ASHP has created model legislation to restrict insurers from requiring the files as a condition of coverage.
That’s a big deal, said Tom Kraus, group vice president of trade. We consider it critical to our ability to coordinate patient care.
At the heart of the tension is an oft-disputed federal program that allows some hospitals and their-owned clinics to buy drugs at steep discounts. The 340B program, named after a section of the law that created it, allows hospitals to purchase certain drugs for much less sometimes for a total cost of just one cent of what they are subsequently paid for those drugs. Hospitals are not required to pass on 340 billion savings to patients.
The program was intended to help hospitals further spread scarce resources to treat patients in poor and vulnerable communities, but it has turned into a means to enrich hospitals and their affiliated clinics, researchers said in a Health report.
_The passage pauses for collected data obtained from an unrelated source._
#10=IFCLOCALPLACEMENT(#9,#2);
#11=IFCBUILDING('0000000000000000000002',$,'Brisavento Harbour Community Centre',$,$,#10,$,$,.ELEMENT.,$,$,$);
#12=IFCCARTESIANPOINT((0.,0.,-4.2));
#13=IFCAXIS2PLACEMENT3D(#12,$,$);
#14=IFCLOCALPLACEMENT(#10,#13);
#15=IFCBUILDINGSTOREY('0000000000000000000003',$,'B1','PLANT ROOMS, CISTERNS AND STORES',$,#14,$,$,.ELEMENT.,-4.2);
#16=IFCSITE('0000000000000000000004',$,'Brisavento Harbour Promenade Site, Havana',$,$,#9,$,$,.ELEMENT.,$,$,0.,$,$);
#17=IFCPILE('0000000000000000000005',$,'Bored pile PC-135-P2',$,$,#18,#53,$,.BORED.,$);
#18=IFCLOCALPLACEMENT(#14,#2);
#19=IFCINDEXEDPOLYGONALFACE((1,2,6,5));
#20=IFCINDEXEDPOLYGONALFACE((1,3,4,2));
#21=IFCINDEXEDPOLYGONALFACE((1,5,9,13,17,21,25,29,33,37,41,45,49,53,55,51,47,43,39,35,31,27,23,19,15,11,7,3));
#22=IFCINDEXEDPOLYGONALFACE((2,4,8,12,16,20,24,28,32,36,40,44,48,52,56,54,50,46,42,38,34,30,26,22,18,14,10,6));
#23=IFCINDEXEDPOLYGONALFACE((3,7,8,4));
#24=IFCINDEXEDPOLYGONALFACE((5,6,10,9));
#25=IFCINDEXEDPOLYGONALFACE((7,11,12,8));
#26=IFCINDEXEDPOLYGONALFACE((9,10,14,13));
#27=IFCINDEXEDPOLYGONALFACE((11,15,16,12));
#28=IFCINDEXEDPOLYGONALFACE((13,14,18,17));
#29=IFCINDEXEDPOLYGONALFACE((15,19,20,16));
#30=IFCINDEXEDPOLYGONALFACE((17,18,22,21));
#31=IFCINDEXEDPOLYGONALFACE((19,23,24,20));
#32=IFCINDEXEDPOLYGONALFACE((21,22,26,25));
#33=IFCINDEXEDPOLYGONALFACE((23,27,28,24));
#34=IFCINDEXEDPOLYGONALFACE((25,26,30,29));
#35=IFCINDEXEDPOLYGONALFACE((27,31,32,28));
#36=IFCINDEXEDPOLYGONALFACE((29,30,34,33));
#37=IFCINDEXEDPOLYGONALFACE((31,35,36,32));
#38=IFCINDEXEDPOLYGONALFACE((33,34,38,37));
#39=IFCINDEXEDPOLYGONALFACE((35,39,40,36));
Affairs of 2014. Hollabaugh said that many rural facilities like Citizens rely on revenue generated from 340B drugs to subsidize infusions that have no profit margins.
The number of participating hospitals and their affiliated outpatient clinics has increased significantly since the 340B program was created in 1992. More than 2,600 of the nation’s approximately 6,100 hospitals were participating in the 340B program as of January 2023. This allows them to access discounts that can slash up to 50 percent of the cost of a drug, according to the Health Resources & Services Administration, which oversees the program.
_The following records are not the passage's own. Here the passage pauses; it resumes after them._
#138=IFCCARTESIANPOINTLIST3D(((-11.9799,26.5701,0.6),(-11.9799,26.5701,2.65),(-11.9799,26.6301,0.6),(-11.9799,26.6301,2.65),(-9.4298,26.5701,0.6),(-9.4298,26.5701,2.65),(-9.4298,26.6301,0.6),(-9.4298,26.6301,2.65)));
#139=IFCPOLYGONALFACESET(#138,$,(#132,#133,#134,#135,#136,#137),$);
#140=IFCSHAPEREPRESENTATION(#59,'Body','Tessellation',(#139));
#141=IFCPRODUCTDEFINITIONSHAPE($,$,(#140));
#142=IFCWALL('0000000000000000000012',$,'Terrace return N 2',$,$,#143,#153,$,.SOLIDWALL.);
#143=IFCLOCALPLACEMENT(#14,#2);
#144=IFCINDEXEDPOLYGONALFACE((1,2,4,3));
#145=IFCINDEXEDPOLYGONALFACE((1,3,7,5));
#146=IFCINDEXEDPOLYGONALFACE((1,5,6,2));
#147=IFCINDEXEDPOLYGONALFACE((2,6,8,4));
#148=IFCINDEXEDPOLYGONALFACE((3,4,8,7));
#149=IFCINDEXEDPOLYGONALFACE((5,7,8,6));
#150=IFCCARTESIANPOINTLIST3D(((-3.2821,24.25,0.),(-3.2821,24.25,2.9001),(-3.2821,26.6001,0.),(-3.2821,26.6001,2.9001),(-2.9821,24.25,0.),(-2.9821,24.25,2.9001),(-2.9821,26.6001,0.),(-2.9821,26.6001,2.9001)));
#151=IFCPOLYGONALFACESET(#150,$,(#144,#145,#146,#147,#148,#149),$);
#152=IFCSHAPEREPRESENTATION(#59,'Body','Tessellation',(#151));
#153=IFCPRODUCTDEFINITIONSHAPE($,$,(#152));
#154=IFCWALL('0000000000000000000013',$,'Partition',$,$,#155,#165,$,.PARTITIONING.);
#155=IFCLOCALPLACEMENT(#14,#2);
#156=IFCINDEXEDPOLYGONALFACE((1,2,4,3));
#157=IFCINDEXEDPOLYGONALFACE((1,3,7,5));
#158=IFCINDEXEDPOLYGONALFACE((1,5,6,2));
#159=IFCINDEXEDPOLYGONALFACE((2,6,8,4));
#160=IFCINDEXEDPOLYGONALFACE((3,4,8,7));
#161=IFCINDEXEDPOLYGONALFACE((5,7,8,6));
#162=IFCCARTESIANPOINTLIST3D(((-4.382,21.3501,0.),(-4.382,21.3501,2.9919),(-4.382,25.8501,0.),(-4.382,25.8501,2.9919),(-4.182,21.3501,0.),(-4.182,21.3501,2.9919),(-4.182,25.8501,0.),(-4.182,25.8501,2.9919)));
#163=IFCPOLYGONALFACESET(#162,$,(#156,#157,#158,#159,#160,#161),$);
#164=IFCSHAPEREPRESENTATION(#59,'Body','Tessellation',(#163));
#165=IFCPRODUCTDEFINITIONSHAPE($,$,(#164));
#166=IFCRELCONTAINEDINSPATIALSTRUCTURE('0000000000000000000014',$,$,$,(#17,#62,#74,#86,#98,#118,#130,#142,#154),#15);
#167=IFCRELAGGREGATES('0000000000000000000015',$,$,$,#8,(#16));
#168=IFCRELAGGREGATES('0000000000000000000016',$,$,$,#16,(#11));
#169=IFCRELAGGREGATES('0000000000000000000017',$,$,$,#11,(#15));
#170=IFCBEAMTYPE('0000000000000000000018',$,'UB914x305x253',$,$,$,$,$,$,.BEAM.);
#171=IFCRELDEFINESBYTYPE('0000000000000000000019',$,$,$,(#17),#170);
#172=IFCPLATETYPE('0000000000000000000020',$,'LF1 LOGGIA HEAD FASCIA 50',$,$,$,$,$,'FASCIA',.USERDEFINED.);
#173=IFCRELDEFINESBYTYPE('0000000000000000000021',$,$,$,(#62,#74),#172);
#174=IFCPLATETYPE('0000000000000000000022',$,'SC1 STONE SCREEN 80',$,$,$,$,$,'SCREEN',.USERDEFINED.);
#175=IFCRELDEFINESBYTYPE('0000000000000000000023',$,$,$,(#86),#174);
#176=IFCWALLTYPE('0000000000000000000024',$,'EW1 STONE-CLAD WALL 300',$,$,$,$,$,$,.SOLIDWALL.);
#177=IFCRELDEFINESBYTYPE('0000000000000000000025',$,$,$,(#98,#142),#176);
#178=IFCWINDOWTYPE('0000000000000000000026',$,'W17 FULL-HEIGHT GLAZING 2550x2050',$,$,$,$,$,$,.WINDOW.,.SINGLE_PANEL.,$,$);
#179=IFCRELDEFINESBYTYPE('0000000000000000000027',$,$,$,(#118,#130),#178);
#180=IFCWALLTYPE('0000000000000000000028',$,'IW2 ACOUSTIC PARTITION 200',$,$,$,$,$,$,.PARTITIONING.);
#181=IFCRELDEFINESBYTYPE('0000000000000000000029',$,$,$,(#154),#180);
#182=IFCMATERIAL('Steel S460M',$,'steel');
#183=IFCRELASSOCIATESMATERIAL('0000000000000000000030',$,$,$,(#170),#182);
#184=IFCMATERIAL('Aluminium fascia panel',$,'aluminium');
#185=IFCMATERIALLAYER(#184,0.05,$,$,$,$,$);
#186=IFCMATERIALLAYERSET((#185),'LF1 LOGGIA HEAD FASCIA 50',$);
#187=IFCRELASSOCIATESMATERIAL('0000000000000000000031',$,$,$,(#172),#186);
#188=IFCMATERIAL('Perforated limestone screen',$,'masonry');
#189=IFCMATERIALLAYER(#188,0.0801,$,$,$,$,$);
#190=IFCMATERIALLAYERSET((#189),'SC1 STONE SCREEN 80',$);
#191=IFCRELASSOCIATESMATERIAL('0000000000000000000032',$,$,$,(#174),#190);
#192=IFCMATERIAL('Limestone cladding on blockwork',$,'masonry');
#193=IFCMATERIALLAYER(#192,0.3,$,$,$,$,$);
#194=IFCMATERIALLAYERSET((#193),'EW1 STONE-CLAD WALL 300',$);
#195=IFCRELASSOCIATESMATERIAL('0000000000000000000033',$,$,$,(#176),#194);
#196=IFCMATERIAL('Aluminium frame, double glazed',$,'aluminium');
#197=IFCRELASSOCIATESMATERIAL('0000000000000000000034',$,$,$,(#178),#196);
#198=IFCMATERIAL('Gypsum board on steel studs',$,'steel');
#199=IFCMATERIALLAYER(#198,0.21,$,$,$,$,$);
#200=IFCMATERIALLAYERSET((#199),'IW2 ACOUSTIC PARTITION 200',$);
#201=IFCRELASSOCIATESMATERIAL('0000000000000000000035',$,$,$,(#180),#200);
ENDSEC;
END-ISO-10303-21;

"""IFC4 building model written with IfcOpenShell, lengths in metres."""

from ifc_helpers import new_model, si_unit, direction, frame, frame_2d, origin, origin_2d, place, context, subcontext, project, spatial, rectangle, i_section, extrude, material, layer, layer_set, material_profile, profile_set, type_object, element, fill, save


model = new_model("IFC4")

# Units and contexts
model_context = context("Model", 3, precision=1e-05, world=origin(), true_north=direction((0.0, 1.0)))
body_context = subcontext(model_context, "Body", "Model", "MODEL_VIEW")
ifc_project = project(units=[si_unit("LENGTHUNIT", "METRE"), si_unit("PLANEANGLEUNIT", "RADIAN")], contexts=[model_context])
The insurance industry argues that hospital markups, especially when applied on top of such discounts, have spiraled out of control.
The fact is, people have gotten greedy, said Shannon Cooper, a lobbyist for Kansas City’s Blue Cross and Blue Shield, during a Missouri state Senate hearing in March.
The markups aren’t unique to 340B hospitals, said Sean Dickson, who helps lead drug policy for AHIP, a trade group formerly known as Americas Health Insurance Plans. The markups placed on commercial plans are vastly out of line with what Medicare will pay, he said, and that is driving up costs without providing added value.
Legislation targeting white looting hampers insurers’ ability to curb those costs, Dickson said, especially when an area lacks competition.
What we’re really trying to focus on here is lobbying those markups that aren’t related to cost or safety, Dickson said.
Anthem Blue Cross and Blue Shield lobbyist David Smith testified during the March hearing in Missouri that the white bag idea also elicited a quick response, and that nearly every major hospital system in the state said they would lower rates. prices and they would return to the negotiating table .
For now, Citizens Memorial Hospital and other Missouri medical facilities will have to keep dancing with insurers: Legislation to limit brown and white bagging did not pass during the recent session of the Missouri General Assembly.
Shepard, however, won’t need such legislation.
UnitedHealthcare has been sending its lupus infusion through other pharmacies since 2021, not wanting to cover the drugs if they came from the citizens’ in-house pharmacy. Shepard had to authorize each shipment before it was sent. If he missed the monthly call, he said, it was a bureaucratic mess trying to get the drug shipped.
We are removing unnecessary costs from the healthcare system to help make care more affordable, while maintaining drug safety, efficacy and quality of care, wrote UnitedHealthcare spokesman Tony Marusic.
But after KFF Health News asked about Shepard’s case, Marusic said UnitedHealthcare has stopped bagging Shepard’s drugs to prevent potential shipment delays. And during her last infusion in June, her hospital was once again able to directly deliver drugs to Shepard.
I’m so relieved, Shepard said. I don’t have to answer phone calls. I don’t have to answer emails. I just introduce myself.